- Born: 1747 Ireland
- Died: 10 March 1827 (aged 79–80) Henrietta Street, Bath
- Occupation: actress
- Known for: George Canning ​ ​(m. 1768; died 1771)​ Richard Hunn ​(m. 1783)​
- Children: 13, including George Canning

= Mary Ann Costello =

Irish actress (1747–1827)

Mary Ann Costello (1747 – 10 March 1827) was an Irish actress. Her son was the British prime minister George Canning.

==Life==
Mary Ann Costello was born in Ireland in 1747. Her father was a Connacht squire, Jordan Costello. She appears to have been orphaned at a young age, and was raised in London by her maternal grandfather Col. Guydickens. She was lauded for her beauty, marrying George Canning in 1768 as a love match. Early 1769 Costello gave birth to a daughter, Letitia, who died a few months later. On 22 April 1770, she had the couple's second child, George Canning. By 1771, Costello was widowed and was pregnant again, with no financial support. Her third child, a son Thomas, also died in infancy. To support her young son she became an actress, debuting in Jane Shore at Theatre Royal, Drury Lane, in November 1773. It was not a success, and Costello had to instead work in more provincial theatre in the west and north of England. She then began a six-year relationship with Samuel Reddish, having five children with him, including two sets of twins. She referred to herself as Mrs Reddish, but there is no evidence of their marriage. Her eldest son, George, was removed from her care and went to live with his uncle Stratford Canning. She did not see him for eight years.

Costello married again in February 1783, to a silk mercer from Plymouth, Richard Hunn. The couple had five children, including another two sets of twins. Her acting career continued to attract ire, with a 12-year-old Canning being told she was unfit for respectable society. He continuously looked for ways to save his mother from poverty. In June 1791 he sent her 100 guineas, warning her that her acting could damage his future political career. Costello's marriage to Hunn ended in the 1790s, and she retired from acting. By this time Canning was an MP, and his half-brothers all clamoured for his help. Costello attempted to make money with an eye ointment, Collysium, but it was a failure. She also wrote a novel, The Offspring of Fancy.
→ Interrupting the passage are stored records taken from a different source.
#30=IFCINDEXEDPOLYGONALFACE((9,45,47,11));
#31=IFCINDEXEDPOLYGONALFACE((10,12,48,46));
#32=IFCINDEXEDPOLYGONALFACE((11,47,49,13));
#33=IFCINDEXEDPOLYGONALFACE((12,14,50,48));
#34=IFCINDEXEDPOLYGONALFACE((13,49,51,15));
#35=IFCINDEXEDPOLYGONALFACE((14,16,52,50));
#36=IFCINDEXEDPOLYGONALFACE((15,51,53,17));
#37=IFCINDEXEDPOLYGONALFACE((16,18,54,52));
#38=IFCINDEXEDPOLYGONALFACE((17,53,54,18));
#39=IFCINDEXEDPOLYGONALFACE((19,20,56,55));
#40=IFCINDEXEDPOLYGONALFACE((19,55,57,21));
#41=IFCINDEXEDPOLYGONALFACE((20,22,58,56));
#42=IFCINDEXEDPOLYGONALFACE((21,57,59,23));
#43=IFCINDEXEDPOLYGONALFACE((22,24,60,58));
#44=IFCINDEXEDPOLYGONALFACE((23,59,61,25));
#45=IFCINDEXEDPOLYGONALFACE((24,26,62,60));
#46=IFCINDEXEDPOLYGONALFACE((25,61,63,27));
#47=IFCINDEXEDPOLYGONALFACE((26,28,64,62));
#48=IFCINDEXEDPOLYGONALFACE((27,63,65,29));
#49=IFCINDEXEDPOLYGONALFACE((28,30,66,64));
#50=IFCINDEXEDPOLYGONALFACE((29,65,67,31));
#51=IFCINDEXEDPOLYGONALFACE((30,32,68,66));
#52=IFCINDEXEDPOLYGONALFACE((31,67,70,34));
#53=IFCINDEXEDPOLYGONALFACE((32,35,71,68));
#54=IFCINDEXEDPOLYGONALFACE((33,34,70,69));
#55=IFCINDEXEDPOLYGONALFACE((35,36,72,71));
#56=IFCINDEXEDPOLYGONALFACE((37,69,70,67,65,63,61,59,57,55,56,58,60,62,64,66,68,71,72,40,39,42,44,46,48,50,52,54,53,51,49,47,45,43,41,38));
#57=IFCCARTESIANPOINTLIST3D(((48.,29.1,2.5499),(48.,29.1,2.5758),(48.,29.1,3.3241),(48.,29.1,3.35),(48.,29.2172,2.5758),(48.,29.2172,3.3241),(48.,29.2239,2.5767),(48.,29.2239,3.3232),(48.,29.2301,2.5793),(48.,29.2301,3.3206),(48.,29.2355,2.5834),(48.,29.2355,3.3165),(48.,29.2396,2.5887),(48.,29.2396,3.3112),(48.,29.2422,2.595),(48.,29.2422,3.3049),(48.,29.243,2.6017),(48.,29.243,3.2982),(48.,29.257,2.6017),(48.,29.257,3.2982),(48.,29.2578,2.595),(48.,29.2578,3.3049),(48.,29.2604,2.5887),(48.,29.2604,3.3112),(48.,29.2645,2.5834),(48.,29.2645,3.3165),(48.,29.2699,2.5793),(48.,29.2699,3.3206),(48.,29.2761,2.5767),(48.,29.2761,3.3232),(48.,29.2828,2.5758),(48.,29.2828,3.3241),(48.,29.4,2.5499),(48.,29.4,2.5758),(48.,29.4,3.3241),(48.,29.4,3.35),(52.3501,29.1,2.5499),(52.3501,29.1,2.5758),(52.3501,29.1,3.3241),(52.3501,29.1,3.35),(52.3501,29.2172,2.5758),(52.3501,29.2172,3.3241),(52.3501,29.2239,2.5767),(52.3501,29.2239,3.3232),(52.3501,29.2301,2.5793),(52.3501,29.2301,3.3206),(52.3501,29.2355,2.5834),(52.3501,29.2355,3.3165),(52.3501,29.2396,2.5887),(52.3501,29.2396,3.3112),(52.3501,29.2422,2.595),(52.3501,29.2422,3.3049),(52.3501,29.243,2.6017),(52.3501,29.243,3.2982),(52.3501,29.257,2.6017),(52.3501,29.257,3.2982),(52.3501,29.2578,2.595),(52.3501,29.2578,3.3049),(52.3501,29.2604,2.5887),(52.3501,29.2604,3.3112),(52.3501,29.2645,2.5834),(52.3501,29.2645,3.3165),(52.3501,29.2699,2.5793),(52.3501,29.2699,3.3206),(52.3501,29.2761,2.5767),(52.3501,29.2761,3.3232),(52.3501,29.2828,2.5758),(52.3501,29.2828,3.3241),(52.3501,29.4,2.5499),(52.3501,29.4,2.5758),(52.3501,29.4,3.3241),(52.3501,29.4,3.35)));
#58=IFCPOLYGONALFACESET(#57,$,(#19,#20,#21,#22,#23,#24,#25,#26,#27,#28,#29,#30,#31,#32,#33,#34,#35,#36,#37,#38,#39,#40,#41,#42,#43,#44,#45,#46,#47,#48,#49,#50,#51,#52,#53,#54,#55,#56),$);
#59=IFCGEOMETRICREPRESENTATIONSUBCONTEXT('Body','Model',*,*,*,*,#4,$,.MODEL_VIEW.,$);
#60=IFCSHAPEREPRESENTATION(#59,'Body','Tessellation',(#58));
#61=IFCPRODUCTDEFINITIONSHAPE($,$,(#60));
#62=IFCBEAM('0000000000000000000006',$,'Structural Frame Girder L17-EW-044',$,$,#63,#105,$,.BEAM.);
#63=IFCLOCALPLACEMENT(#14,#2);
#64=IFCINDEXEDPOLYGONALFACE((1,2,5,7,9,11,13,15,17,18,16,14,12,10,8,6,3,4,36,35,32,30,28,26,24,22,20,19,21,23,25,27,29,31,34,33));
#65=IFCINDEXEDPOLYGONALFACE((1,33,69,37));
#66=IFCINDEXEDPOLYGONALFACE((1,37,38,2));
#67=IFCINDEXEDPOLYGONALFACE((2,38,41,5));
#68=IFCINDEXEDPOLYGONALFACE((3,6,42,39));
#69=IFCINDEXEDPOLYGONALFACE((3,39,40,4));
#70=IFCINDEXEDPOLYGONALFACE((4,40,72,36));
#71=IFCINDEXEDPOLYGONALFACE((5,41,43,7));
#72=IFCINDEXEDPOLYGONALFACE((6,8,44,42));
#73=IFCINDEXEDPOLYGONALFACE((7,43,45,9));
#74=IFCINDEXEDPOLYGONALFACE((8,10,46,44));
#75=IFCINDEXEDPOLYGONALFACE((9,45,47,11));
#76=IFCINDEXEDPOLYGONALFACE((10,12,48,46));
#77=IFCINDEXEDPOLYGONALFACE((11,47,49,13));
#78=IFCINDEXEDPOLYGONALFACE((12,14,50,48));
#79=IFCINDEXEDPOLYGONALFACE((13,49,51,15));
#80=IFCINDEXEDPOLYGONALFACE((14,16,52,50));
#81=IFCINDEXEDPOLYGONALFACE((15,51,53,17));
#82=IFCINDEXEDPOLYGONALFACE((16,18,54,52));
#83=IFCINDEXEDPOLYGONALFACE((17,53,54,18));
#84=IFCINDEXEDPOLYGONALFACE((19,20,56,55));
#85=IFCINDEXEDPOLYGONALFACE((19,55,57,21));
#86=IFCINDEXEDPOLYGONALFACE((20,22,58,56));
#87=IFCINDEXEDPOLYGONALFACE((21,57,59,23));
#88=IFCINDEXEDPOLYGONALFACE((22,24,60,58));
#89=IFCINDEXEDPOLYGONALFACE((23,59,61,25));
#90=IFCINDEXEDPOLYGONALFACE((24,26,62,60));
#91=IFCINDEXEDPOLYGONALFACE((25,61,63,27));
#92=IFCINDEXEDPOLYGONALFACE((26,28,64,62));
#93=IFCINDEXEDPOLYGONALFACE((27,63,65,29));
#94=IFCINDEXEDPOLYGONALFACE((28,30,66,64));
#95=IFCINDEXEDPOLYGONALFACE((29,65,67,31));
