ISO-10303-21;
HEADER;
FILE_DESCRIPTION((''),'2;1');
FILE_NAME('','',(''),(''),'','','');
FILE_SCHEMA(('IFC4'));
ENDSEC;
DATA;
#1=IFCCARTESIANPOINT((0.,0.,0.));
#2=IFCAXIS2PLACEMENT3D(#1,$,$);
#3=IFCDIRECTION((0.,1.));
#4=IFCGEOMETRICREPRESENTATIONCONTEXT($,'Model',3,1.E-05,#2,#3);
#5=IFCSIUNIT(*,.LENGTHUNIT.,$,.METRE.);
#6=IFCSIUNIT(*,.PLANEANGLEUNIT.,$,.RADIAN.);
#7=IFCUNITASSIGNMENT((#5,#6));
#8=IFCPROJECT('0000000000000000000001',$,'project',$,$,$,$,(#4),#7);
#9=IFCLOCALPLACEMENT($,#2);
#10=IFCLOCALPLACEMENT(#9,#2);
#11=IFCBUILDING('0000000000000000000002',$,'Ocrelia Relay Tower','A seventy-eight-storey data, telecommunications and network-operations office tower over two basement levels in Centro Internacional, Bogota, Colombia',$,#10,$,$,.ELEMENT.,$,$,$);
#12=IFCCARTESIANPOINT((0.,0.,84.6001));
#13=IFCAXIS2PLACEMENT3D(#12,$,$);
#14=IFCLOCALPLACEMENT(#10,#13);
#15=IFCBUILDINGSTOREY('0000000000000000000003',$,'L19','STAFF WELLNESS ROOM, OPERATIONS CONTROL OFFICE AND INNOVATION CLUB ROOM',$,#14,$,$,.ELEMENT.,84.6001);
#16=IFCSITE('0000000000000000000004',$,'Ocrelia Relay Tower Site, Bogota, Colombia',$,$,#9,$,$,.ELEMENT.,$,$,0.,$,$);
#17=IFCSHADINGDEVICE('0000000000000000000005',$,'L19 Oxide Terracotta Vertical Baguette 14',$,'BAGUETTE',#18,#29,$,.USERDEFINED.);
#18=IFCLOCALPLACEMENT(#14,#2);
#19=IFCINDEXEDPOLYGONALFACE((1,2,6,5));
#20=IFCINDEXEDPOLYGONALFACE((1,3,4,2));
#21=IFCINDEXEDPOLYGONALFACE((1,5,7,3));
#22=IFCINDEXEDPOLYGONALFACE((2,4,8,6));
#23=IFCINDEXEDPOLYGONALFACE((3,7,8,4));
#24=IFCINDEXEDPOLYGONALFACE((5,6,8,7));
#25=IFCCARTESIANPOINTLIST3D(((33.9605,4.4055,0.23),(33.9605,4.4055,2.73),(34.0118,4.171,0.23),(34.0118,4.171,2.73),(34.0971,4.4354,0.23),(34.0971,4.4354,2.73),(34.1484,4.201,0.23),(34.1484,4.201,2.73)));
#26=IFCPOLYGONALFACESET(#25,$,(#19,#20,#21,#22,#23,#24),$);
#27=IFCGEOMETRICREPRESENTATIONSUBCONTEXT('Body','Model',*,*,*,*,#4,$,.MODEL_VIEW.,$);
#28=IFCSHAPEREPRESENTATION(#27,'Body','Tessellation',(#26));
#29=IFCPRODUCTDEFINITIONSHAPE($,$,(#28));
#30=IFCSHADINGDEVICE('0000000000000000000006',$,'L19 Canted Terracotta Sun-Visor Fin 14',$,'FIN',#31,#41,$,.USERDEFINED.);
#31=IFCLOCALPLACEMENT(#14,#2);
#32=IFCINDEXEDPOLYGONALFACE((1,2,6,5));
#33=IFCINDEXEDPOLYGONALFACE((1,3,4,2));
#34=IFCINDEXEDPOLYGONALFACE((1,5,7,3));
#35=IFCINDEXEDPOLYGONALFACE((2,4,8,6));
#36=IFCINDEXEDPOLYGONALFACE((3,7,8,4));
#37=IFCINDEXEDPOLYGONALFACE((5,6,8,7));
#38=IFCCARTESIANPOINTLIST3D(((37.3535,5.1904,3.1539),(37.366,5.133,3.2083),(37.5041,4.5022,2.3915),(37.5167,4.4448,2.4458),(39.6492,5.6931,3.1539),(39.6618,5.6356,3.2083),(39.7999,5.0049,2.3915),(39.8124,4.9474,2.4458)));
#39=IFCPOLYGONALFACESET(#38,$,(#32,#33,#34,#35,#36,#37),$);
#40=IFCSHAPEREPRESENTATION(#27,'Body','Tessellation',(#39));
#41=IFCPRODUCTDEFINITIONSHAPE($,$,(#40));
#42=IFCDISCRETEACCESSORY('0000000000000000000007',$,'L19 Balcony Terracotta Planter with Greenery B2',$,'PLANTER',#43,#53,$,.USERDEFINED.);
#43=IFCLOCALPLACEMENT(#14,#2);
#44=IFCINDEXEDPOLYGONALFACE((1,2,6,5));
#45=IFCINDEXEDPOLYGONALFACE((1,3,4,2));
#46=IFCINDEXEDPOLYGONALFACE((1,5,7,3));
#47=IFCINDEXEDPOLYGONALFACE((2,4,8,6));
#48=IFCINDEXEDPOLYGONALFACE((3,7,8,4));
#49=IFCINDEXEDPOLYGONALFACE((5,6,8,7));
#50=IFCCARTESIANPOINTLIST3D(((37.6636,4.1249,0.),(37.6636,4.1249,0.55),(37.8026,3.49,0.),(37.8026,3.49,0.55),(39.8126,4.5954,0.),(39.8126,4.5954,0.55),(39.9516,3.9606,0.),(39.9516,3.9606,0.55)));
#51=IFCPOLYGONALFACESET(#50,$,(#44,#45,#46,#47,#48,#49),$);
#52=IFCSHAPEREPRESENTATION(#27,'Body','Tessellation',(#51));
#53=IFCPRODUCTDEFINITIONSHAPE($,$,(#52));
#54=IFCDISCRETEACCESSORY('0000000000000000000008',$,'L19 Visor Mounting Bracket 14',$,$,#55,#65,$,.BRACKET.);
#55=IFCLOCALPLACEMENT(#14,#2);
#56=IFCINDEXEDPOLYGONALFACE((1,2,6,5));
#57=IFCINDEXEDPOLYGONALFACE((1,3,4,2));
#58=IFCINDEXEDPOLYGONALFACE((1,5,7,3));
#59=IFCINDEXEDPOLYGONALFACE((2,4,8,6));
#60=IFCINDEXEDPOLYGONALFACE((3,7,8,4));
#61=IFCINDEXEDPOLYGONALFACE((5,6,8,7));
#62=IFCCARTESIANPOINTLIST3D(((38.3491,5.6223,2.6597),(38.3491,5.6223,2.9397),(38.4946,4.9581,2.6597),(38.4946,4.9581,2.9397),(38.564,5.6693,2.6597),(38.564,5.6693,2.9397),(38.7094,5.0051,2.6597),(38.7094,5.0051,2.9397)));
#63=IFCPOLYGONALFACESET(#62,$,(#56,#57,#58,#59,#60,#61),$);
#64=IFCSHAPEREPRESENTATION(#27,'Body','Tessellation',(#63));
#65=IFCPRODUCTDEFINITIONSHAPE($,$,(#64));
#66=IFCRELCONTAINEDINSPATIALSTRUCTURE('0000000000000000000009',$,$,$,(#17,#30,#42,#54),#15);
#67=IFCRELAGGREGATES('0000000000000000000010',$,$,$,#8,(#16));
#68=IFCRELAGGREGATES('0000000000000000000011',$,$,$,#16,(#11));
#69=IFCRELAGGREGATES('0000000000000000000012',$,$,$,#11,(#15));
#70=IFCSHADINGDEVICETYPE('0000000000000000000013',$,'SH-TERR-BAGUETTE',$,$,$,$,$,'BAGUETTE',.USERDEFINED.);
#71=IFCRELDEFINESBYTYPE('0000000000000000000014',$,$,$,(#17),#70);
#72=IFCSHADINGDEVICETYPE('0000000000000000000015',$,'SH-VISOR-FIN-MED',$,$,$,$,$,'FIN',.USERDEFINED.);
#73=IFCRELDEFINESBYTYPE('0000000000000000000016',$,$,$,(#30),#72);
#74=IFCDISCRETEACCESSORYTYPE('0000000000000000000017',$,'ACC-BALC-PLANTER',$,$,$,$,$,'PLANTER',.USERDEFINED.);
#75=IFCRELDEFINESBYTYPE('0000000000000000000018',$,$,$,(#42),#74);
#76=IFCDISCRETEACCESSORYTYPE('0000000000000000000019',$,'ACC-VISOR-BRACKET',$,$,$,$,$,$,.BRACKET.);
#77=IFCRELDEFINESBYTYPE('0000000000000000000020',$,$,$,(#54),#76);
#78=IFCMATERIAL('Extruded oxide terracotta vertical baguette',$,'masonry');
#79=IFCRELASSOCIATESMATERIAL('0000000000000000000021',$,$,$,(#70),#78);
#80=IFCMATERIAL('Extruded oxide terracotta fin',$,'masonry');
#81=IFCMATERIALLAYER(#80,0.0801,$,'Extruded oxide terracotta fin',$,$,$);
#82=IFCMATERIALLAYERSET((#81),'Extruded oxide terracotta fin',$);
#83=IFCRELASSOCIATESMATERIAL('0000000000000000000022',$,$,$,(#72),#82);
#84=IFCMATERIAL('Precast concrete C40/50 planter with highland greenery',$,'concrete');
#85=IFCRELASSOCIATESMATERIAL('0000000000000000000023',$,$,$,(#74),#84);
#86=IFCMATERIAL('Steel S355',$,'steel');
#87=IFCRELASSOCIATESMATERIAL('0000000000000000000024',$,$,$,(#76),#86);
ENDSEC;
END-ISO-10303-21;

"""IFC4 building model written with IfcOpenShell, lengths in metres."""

from ifc_helpers import new_model, si_unit, direction, frame, origin, origin_2d, place, context, subcontext, project, spatial, rectangle, extrude, material, layer, layer_set, type_object, element, save


model = new_model("IFC4")

# Units and contexts
model_context = context("Model", 3, precision=1e-05, world=origin(), true_north=direction((0.0, 1.0)))
body_context = subcontext(model_context, "Body", "Model", "MODEL_VIEW")
ifc_project = project(units=[si_unit("LENGTHUNIT", "METRE"), si_unit("PLANEANGLEUNIT", "RADIAN")], contexts=[model_context])

# Site, building, storey
site_placement = place(None, origin())
site = spatial("IfcSite", under=ifc_project, at=site_placement, Name="Ocrelia Relay Tower Site, Bogota, Colombia", CompositionType="ELEMENT", RefElevation=0.0)
building_placement = place(site_placement, origin())
building = spatial("IfcBuilding", under=site, at=building_placement, Name="Ocrelia Relay Tower", Description="A seventy-eight-storey data, telecommunications and network-operations office tower over two basement levels in Centro Internacional, Bogota, Colombia", CompositionType="ELEMENT")
storey_placement = place(building_placement, frame((0.0, 0.0, 84.6001)))
storey = spatial("IfcBuildingStorey", under=building, at=storey_placement, Name="L19", Description="STAFF WELLNESS ROOM, OPERATIONS CONTROL OFFICE AND INNOVATION CLUB ROOM", CompositionType="ELEMENT", Elevation=84.6001)

# Shared definitions
ifc_material_1 = material(Name="Steel S355", Category="steel")

# Shading devices
ifc_material_2 = material(Name="Extruded oxide terracotta vertical baguette", Category="masonry")
shading_device_type_1 = type_object("IfcShadingDeviceType", Name="SH-TERR-BAGUETTE", ElementType="BAGUETTE", PredefinedType="USERDEFINED", material=ifc_material_2)
shading_device_1_placement = place(storey_placement, frame((34.0544, 4.3032, 0.23), z_axis=(0.0, 0.0, 1.0), x_axis=(0.976859, 0.213883, 0.0)))
element("IfcShadingDevice", 1, at=shading_device_1_placement, inside=storey, type_object=shading_device_type_1, Name="L19 Oxide Terracotta Vertical Baguette 14", ObjectType="BAGUETTE", PredefinedType="USERDEFINED", context=body_context, shape_type="SweptSolid", body=[
    extrude(rectangle(XDim=0.1399, YDim=0.24, at=origin_2d()), origin(), (0.0, 0.0, 1.0), 2.5),
])
ifc_material_3 = material(Name="Extruded oxide terracotta fin", Category="masonry")
ifc_layer_1 = layer(ifc_material_3, 0.0801, Name="Extruded oxide terracotta fin")
ifc_layer_set_1 = layer_set([ifc_layer_1], Name="Extruded oxide terracotta fin")
shading_device_type_2 = type_object("IfcShadingDeviceType", Name="SH-VISOR-FIN-MED", ElementType="FIN", PredefinedType="USERDEFINED", material=ifc_layer_set_1)
shading_device_2_placement = place(storey_placement, frame((38.5767, 5.0977, 2.7727), z_axis=(0.157084, -0.717446, 0.678673), x_axis=(0.976859, 0.213883, 0.0)))
element("IfcShadingDevice", 2, at=shading_device_2_placement, inside=storey, type_object=shading_device_type_2, Name="L19 Canted Terracotta Sun-Visor Fin 14", ObjectType="FIN", PredefinedType="USERDEFINED", context=body_context, shape_type="SweptSolid", body=[
    extrude(rectangle(XDim=2.3501, YDim=1.0381, at=origin_2d()), origin(), (0.0, 0.0, 1.0), 0.0801),
])

# Discrete accessories
ifc_material_4 = material(Name="Precast concrete C40/50 planter with highland greenery", Category="concrete")
discrete_accessory_type_1 = type_object("IfcDiscreteAccessoryType", Name="ACC-BALC-PLANTER", ElementType="PLANTER", PredefinedType="USERDEFINED", material=ifc_material_4)
discrete_accessory_1_placement = place(storey_placement, frame((38.8076, 4.0427, 0.0), z_axis=(0.0, 0.0, 1.0), x_axis=(-0.97686, -0.213881, 0.0)))
element("IfcDiscreteAccessory", 3, at=discrete_accessory_1_placement, inside=storey, type_object=discrete_accessory_type_1, Name="L19 Balcony Terracotta Planter with Greenery B2", ObjectType="PLANTER", PredefinedType="USERDEFINED", context=body_context, shape_type="SweptSolid", body=[
    extrude(rectangle(XDim=2.2, YDim=0.6499, at=origin_2d()), origin(), (0.0, 0.0, 1.0), 0.55),
])
discrete_accessory_type_2 = type_object("IfcDiscreteAccessoryType", Name="ACC-VISOR-BRACKET", PredefinedType="BRACKET", material=ifc_material_1)
discrete_accessory_2_placement = place(storey_placement, frame((38.5293, 5.3137, 2.6597), z_axis=(0.0, 0.0, 1.0), x_axis=(0.976859, 0.213883, 0.0)))
element("IfcDiscreteAccessory", 4, at=discrete_accessory_2_placement, inside=storey, type_object=discrete_accessory_type_2, Name="L19 Visor Mounting Bracket 14", PredefinedType="BRACKET", context=body_context, shape_type="SweptSolid", body=[
    extrude(rectangle(XDim=0.22, YDim=0.6799, at=origin_2d()), origin(), (0.0, 0.0, 1.0), 0.28),
])

save(model, "model.ifc")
Costello was kept at a distance from Canning while his career developed. She received an annual pension of £500 in 1803, and was able to live in greater comfort for the rest of her life. She was finally able to meet Canning's wife and children in 1804, four years after the couple had married. During the height of his career in the 1820s, Costello's past was used against Canning, with claims that her career and private life rendered him unsuitable for high political office. The whig, Lord Grey, declared that being the son of an actress disqualified Canning from serving as the British prime minister. A few months before Canning became prime minister, Costello died at Henrietta Street, Bath, on 10 March 1827.